Allgemein- / Viszeralchirurgie

Die Abteilung für Allgemein- und Viszeralchirurgie bietet ein breites Spektrum operativer Behandlungen. Dabei folgen alle Operationen neuesten medizinischen Standards. Viele Eingriffe werden minimalinvasiv durchgeführt (Schlüssellochchirurgie). Dieses führt zu einer geringeren Belastung des Patienten bei optimalem Ergebnis. Ein Teil davon wird ambulant durchgeführt. Hierzu gehören beispielsweise die Versorgung von Leisten- bzw. Nabelbrüchen, Implantation von Portsystemen, Entfernung von Lymphknoten und kleineren oberflächlichen Geschwülsten und Eröffnung von Eiteransammlungen.

Die Onkologische Chirurgie (Tumorchirurgie) ist ein wesentlicher Schwerpunkt der Viszeralchirurgie. In unserem Krankenhaus wird das gesamte Spektrum der Onkologischen Chirurgie auf hohem Niveau unter Einsatz modernster Operationsverfahren angeboten. Schwerpunktmäßig werden Tumore des Magen-Darmtraktes sowie der Leber behandelt.

Für eine optimale Behandlung von Tumorpatienten wurde der Onkologische Arbeitskreis Vogelsberg gegründet. Als Mitglied des Onkologischen Zentrums Osthessen werden die Behandlungsrichtlinien für onkologische Patienten festgelegt.
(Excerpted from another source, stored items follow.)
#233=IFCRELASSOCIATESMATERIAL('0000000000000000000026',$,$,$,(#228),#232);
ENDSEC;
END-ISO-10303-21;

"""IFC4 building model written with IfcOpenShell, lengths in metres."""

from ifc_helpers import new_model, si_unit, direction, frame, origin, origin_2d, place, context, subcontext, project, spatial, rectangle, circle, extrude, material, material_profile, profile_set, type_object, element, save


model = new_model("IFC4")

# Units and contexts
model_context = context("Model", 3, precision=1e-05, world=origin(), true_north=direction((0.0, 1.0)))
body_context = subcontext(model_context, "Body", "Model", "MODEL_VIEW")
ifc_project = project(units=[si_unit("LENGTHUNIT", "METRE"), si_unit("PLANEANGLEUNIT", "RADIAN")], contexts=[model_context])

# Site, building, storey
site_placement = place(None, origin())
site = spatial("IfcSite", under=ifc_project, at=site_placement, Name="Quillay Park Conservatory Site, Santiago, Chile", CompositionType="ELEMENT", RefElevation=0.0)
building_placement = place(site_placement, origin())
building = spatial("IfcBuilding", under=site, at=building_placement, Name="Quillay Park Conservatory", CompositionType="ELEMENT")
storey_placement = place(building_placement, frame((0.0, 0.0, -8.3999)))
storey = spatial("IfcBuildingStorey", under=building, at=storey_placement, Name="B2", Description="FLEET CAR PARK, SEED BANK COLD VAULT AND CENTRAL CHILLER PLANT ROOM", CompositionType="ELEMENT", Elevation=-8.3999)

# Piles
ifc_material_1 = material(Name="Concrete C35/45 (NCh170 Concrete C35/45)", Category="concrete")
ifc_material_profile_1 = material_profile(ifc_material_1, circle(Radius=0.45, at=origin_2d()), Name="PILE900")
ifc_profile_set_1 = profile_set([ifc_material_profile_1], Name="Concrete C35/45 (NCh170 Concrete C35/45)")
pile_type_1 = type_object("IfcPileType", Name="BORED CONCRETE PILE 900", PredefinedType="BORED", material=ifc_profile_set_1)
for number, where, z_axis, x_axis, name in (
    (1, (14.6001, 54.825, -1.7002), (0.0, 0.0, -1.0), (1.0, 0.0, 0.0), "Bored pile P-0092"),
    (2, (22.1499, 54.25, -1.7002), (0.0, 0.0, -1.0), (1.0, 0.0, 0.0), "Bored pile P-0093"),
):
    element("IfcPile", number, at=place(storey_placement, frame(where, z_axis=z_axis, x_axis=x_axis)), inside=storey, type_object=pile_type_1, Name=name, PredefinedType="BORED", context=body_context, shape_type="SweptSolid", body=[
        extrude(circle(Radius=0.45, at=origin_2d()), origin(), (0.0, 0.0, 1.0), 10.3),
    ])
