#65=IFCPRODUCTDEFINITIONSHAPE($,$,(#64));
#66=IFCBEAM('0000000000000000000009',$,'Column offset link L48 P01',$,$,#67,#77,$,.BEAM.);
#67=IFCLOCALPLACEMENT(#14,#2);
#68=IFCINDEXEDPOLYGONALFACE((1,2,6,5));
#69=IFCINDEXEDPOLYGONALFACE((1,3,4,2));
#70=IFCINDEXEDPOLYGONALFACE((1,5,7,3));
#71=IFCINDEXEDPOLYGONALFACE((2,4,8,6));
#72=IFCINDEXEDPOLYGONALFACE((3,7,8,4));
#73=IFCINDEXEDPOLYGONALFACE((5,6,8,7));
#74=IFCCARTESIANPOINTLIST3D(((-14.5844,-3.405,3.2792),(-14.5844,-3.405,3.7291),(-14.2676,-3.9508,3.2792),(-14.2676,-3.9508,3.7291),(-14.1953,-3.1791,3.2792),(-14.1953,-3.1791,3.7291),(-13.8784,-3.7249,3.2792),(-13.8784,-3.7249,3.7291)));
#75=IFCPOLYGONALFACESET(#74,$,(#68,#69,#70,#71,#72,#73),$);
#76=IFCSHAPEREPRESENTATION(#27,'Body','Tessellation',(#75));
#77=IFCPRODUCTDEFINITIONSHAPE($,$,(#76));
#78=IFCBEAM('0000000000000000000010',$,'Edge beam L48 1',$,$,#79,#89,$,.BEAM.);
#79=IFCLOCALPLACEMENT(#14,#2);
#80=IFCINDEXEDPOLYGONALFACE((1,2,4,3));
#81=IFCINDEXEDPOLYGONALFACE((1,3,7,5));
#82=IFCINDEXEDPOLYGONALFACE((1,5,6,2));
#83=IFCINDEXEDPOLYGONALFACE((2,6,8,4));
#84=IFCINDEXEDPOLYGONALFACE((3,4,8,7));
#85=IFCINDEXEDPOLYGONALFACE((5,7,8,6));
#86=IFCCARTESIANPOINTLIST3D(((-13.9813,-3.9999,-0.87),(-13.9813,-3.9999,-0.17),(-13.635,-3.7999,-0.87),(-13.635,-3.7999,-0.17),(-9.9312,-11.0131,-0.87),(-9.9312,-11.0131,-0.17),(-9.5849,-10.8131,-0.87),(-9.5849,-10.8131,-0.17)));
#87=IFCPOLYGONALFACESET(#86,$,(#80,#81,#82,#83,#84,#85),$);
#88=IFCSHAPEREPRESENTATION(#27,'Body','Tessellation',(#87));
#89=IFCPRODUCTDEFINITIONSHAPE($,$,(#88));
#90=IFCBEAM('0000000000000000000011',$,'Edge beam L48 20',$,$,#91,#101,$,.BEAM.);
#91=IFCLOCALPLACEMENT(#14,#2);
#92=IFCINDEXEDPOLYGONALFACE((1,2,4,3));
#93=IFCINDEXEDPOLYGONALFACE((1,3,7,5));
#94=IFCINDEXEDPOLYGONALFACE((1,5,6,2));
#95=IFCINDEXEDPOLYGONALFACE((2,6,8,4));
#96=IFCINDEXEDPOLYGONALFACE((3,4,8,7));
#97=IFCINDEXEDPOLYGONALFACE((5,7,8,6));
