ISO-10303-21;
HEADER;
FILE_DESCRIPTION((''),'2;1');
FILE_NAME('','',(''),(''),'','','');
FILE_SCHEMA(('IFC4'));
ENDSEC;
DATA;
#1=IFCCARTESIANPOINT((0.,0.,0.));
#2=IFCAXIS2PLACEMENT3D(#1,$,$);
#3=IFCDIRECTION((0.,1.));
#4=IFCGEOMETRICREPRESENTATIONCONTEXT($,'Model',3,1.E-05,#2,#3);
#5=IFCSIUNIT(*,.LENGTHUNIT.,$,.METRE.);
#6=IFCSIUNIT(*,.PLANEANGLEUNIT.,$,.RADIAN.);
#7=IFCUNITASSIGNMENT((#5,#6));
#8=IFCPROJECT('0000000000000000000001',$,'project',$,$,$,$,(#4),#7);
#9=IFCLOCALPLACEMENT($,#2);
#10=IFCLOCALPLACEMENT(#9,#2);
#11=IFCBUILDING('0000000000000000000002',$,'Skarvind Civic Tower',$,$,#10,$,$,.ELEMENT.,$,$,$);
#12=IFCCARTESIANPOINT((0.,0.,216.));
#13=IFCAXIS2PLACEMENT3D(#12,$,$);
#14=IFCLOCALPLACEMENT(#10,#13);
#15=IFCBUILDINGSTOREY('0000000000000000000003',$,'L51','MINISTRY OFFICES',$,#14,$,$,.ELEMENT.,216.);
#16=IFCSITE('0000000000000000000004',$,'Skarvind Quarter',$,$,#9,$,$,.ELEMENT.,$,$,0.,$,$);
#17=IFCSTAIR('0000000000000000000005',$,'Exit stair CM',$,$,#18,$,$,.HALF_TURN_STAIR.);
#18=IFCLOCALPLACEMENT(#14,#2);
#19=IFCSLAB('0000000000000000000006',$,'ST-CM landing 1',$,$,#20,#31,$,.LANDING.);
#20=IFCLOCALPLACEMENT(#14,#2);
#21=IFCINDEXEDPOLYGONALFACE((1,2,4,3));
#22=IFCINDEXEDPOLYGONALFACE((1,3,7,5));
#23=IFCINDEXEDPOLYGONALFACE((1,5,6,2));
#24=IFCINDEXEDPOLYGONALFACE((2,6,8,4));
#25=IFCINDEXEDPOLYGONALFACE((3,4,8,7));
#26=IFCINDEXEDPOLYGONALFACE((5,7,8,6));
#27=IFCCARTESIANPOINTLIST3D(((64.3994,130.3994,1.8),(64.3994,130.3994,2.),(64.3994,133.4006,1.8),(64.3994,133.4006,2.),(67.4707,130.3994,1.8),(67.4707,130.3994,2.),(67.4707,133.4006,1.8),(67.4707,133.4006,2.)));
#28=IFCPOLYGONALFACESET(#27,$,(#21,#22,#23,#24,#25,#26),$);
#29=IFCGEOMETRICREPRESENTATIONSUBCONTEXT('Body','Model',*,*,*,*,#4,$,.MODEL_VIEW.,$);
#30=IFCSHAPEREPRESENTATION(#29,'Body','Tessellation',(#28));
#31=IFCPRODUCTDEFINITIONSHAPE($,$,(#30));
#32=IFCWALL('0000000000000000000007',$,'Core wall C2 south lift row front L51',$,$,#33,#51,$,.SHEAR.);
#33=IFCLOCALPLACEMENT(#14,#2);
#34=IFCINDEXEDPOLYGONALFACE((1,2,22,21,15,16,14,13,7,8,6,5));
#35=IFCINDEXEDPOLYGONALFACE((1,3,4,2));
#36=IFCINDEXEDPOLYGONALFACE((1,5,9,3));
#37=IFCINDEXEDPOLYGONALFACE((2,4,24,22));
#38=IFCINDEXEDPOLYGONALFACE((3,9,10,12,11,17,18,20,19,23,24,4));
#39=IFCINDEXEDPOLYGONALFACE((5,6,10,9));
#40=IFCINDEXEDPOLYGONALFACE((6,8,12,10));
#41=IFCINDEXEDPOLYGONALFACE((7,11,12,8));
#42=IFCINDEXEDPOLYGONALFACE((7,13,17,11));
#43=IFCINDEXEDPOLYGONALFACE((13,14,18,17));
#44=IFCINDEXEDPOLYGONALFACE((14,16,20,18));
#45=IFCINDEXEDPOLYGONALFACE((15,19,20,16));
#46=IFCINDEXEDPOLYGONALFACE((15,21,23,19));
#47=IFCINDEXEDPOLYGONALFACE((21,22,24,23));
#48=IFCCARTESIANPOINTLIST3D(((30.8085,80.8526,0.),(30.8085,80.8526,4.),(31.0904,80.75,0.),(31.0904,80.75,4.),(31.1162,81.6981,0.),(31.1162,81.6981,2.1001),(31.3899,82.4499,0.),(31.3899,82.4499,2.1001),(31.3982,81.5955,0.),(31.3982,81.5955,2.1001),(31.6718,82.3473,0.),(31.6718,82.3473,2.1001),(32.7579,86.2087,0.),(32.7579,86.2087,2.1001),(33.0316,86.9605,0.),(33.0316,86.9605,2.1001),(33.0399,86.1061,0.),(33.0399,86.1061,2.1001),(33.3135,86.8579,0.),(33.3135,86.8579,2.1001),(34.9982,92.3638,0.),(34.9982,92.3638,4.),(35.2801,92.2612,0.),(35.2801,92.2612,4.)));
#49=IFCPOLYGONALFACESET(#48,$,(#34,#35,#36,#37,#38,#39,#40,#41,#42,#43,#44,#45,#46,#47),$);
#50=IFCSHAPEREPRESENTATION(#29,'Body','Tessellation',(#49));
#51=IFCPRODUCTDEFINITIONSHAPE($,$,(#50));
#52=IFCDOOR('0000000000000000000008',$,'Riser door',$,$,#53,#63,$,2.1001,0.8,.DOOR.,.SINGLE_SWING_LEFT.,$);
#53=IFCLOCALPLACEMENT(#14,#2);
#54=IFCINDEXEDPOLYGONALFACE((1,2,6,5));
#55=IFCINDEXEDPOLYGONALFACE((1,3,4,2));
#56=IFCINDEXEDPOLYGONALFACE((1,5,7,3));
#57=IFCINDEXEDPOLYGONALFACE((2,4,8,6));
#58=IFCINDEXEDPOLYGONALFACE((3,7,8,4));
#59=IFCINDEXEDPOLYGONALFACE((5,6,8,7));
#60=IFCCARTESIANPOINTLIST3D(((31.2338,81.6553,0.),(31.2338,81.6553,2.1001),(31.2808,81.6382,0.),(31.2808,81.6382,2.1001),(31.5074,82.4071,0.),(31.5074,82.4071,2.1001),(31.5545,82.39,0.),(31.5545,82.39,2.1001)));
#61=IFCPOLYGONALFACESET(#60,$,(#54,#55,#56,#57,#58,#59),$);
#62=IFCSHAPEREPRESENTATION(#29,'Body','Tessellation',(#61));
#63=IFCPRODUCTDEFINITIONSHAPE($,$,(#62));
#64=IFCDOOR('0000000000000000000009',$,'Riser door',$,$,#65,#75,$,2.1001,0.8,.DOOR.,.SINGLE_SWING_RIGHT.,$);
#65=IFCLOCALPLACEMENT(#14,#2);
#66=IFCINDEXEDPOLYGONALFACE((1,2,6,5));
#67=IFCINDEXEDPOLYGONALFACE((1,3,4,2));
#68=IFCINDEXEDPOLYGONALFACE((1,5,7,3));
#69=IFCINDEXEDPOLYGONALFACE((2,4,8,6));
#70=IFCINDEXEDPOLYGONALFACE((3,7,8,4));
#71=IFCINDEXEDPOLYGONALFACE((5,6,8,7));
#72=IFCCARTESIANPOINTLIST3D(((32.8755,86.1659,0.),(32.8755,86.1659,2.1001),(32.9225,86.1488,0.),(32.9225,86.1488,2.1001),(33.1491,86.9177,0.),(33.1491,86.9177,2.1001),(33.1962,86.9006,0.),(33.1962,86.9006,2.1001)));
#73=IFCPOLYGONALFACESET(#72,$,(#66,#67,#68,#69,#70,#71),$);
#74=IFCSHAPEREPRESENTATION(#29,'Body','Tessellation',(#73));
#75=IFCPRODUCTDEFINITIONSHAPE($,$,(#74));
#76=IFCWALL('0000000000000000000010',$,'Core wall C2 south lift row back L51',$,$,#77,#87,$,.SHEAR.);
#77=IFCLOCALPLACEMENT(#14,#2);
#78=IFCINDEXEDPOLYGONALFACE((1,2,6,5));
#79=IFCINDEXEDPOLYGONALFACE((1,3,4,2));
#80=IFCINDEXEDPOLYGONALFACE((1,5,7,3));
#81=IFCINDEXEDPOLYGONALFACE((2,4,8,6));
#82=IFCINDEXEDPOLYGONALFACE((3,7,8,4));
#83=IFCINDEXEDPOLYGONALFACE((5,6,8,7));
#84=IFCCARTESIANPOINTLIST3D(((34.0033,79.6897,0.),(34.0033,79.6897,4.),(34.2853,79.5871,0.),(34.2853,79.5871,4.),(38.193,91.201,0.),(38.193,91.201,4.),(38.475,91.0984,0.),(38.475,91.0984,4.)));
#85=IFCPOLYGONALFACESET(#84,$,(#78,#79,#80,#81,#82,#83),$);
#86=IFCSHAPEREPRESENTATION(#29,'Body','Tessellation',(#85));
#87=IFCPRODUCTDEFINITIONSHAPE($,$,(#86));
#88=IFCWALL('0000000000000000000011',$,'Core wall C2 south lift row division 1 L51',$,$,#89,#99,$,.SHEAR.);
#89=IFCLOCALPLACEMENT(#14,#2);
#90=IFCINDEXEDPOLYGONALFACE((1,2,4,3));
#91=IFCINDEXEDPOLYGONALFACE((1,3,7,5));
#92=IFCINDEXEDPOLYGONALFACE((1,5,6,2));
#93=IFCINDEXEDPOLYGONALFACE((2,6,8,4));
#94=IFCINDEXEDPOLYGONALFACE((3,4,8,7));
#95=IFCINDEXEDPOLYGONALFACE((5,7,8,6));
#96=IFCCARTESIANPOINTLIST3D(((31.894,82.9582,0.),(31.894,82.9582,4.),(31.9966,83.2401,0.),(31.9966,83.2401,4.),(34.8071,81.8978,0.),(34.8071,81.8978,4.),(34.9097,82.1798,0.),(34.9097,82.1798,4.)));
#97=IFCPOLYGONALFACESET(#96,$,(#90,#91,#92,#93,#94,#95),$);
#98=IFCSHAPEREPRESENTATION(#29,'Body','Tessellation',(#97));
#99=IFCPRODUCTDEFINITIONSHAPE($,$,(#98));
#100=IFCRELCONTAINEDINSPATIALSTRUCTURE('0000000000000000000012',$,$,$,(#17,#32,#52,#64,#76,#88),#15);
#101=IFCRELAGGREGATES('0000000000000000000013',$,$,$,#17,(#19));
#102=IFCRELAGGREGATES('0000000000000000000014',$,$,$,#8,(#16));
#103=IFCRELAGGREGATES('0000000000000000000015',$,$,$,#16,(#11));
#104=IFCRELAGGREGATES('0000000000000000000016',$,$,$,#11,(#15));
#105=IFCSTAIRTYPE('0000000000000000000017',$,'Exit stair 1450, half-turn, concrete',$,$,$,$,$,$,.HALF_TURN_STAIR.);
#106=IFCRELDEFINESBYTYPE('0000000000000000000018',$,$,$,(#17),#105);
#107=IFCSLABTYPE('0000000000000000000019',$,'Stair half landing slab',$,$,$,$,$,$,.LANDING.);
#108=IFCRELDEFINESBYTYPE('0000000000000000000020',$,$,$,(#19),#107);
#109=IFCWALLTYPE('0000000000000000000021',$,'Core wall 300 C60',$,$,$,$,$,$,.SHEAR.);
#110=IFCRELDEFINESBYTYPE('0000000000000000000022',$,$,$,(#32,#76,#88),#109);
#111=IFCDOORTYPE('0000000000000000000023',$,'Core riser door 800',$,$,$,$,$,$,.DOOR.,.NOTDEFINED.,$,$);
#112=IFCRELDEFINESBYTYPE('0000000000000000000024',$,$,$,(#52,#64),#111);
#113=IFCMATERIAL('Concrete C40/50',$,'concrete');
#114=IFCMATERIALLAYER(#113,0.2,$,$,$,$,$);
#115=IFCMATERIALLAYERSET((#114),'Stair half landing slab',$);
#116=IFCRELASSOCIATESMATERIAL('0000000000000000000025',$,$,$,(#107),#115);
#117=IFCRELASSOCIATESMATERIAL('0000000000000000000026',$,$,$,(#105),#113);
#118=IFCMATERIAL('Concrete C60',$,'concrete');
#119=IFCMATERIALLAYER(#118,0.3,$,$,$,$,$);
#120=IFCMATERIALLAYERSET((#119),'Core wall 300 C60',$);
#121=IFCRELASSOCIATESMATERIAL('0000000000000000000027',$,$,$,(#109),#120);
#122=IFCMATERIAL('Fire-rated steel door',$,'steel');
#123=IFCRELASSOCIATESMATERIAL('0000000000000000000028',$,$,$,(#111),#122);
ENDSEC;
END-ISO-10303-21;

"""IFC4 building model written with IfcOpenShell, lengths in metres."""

from ifc_helpers import new_model, si_unit, direction, frame, frame_2d, origin, place, context, subcontext, project, spatial, polyline, rectangle, outline, extrude, material, layer, layer_set, type_object, element, fill, aggregate, save


model = new_model("IFC4")

# Units and contexts
model_context = context("Model", 3, precision=1e-05, world=origin(), true_north=direction((0.0, 1.0)))
body_context = subcontext(model_context, "Body", "Model", "MODEL_VIEW")
ifc_project = project(units=[si_unit("LENGTHUNIT", "METRE"), si_unit("PLANEANGLEUNIT", "RADIAN")], contexts=[model_context])

# Site, building, storey
site_placement = place(None, origin())
site = spatial("IfcSite", under=ifc_project, at=site_placement, Name="Skarvind Quarter", CompositionType="ELEMENT", RefElevation=0.0)
building_placement = place(site_placement, origin())
building = spatial("IfcBuilding", under=site, at=building_placement, Name="Skarvind Civic Tower", CompositionType="ELEMENT")
storey_placement = place(building_placement, frame((0.0, 0.0, 216.0)))
storey = spatial("IfcBuildingStorey", under=building, at=storey_placement, Name="L51", Description="MINISTRY OFFICES", CompositionType="ELEMENT", Elevation=216.0)

# Shared definitions
ifc_material_1 = material(Name="Concrete C40/50", Category="concrete")

# Stair, slab
ifc_layer_1 = layer(ifc_material_1, 0.2)
ifc_layer_set_1 = layer_set([ifc_layer_1], Name="Stair half landing slab")
slab_type_1 = type_object("IfcSlabType", Name="Stair half landing slab", PredefinedType="LANDING", material=ifc_layer_set_1)
stair_type_1 = type_object("IfcStairType", Name="Exit stair 1450, half-turn, concrete", PredefinedType="HALF_TURN_STAIR", material=ifc_material_1)
stair_1_placement = place(storey_placement, origin())
stair_1 = element("IfcStair", 1, at=stair_1_placement, inside=storey, type_object=stair_type_1, Name="Exit stair CM", PredefinedType="HALF_TURN_STAIR")
slab_1_placement = place(storey_placement, frame((0.0, 0.0, 1.8)))
slab_1 = element("IfcSlab", 2, at=slab_1_placement, type_object=slab_type_1, Name="ST-CM landing 1", PredefinedType="LANDING", context=body_context, shape_type="SweptSolid", body=[
    extrude(outline(polyline([(67.4707, 133.4006), (67.4707, 130.3994), (64.3994, 130.3994), (64.3994, 133.4006), (67.4707, 133.4006)])), origin(), (0.0, 0.0, 1.0), 0.2),
])
aggregate(stair_1, [slab_1])

# Wall, openings, doors
ifc_material_2 = material(Name="Concrete C60", Category="concrete")
ifc_layer_2 = layer(ifc_material_2, 0.3)
ifc_layer_set_2 = layer_set([ifc_layer_2], Name="Core wall 300 C60")
wall_type_1 = type_object("IfcWallType", Name="Core wall 300 C60", PredefinedType="SHEAR", material=ifc_layer_set_2)
wall_1_placement = place(storey_placement, frame((30.9495, 80.8013, 0.0), z_axis=(0.0, 0.0, 1.0), x_axis=(0.342017, 0.939694, 0.0)))
wall_1 = element("IfcWall", 3, at=wall_1_placement, inside=storey, type_object=wall_type_1, Name="Core wall C2 south lift row front L51", PredefinedType="SHEAR", context=body_context, shape_type="SweptSolid", body=[
    extrude(rectangle(XDim=12.25, YDim=0.3, at=frame_2d((6.125, 0.0))), origin(), (0.0, 0.0, 1.0), 4.0),
])
opening_1_placement = place(wall_1_placement, frame((0.8999, 0.0, 0.0)))
opening_1 = element("IfcOpeningElement", 4, at=opening_1_placement, cuts=wall_1, PredefinedType="OPENING", context=body_context, shape_type="SweptSolid", body=[
    extrude(rectangle(XDim=0.8, YDim=2.1001, at=frame_2d((0.3999, 1.05))), frame((0.0, 0.1599, 0.0), z_axis=(0.0, -1.0, 0.0), x_axis=(1.0, 0.0, 0.0)), (0.0, 0.0, 1.0), 0.3201),
])
opening_2_placement = place(wall_1_placement, frame((5.7, 0.0, 0.0)))
opening_2 = element("IfcOpeningElement", 5, at=opening_2_placement, cuts=wall_1, PredefinedType="OPENING", context=body_context, shape_type="SweptSolid", body=[
    extrude(rectangle(XDim=0.8, YDim=2.1001, at=frame_2d((0.3999, 1.05))), frame((0.0, 0.1599, 0.0), z_axis=(0.0, -1.0, 0.0), x_axis=(1.0, 0.0, 0.0)), (0.0, 0.0, 1.0), 0.3201),
])
ifc_material_3 = material(Name="Fire-rated steel door", Category="steel")
door_type_1 = type_object("IfcDoorType", Name="Core riser door 800", OperationType="NOTDEFINED", PredefinedType="DOOR", material=ifc_material_3)
door_1_placement = place(opening_1_placement, origin())
door_1 = element("IfcDoor", 6, at=door_1_placement, inside=storey, type_object=door_type_1, Name="Riser door", OperationType="SINGLE_SWING_LEFT", OverallHeight=2.1001, OverallWidth=0.8, PredefinedType="DOOR", context=body_context, shape_type="SweptSolid", body=[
Die Minimalinvasive Chirurgie, auch Knopflochchirurgie genannt, hat in unserem Krankenhaus einen hohen Stellenwert. Diese Technik kommt bei einem Großteil der allgemein- und viszeralchirurgischen Eingriffe zum Einsatz. Nicht zuletzt durch die Verfügbarkeit modernster Technologie in einem neu, speziell für diese Eingriffe eingerichteten Operationssaal kann höchst mögliche Qualität gewährleistet werden. Die Vorteile dieses Vorgehens liegen insbesondere in der Reduktion postoperativer Schmerzen sowie der schnelleren Erholung des Patienten und damit einem verkürzten Krankenhausaufenthalt. Auch Eingriffe bei bösartigen Erkrankungen (Dickdarm-/Mastdarmkrebs) können mit dieser Technik durchgeführt werden.

Ein weiterer Schwerpunkt in unserem Haus ist die Endokrine Chirurgie. Hier werden gut- und bösartige Erkrankungen der Schilddrüse und Nebenschilddrüse operiert. Die Eingriffe werden unter Zuhilfenahme des sogenannten Neuromonitorings durchgeführt. Hierdurch wird der Stimmbandnerv geschont. Des Weiteren werden die Blutgefäße mit Hilfe einer Ultaschallschere verschlossen. Somit kann die Operation schonender und durch kleinere Schnitte durchgeführt werden.

Onkologische Chirurgie mit den Schwerpunkten

  • Kolon / Rektum
    Konventionelle und laparoskopische Kolon- und Rektumresektion
    Ultratiefe Resektionen und Sphinktererhalt
    Totale Mesorektale Excision mit Pouchanaler Anastomosierung
    Transanale endoskopische Mikrochirurgie - TEM
  • Magen
    Magenresektion
    Totale Gastrektomie mit Rekonstruktion
  • Leber
    Leberteilresektion (ggf. laparoskopisch)
    Hemihepatektomie li./re.
    Erweiterte Hemihepatektomie
    Lebermetastasenresektion
  • Bösartige Erkrankungen der Schilddrüse
  • Weichteilsarkome

Endokrine Chirurgie

  • Schilddrüse / Nebenschilddrüse
    Bei bestimmten Erkrankungen, wie bei Vorliegen kleiner Knoten oder von Adenomen der Nebenschilddrüse, führen wir die Operation minimal-invasiv videoassistiert (MIVA-Methode) durch.
    Neuromonitoring des Nervus recurrens (Stimmbandnerv) bei jeder OP
    Operationen bei gut- und bösartigen Schilddrüsenerkrankungen
    Wiederholungseingriffe nach Voroperationen
    Nebenniere (minimal-invasive Operation)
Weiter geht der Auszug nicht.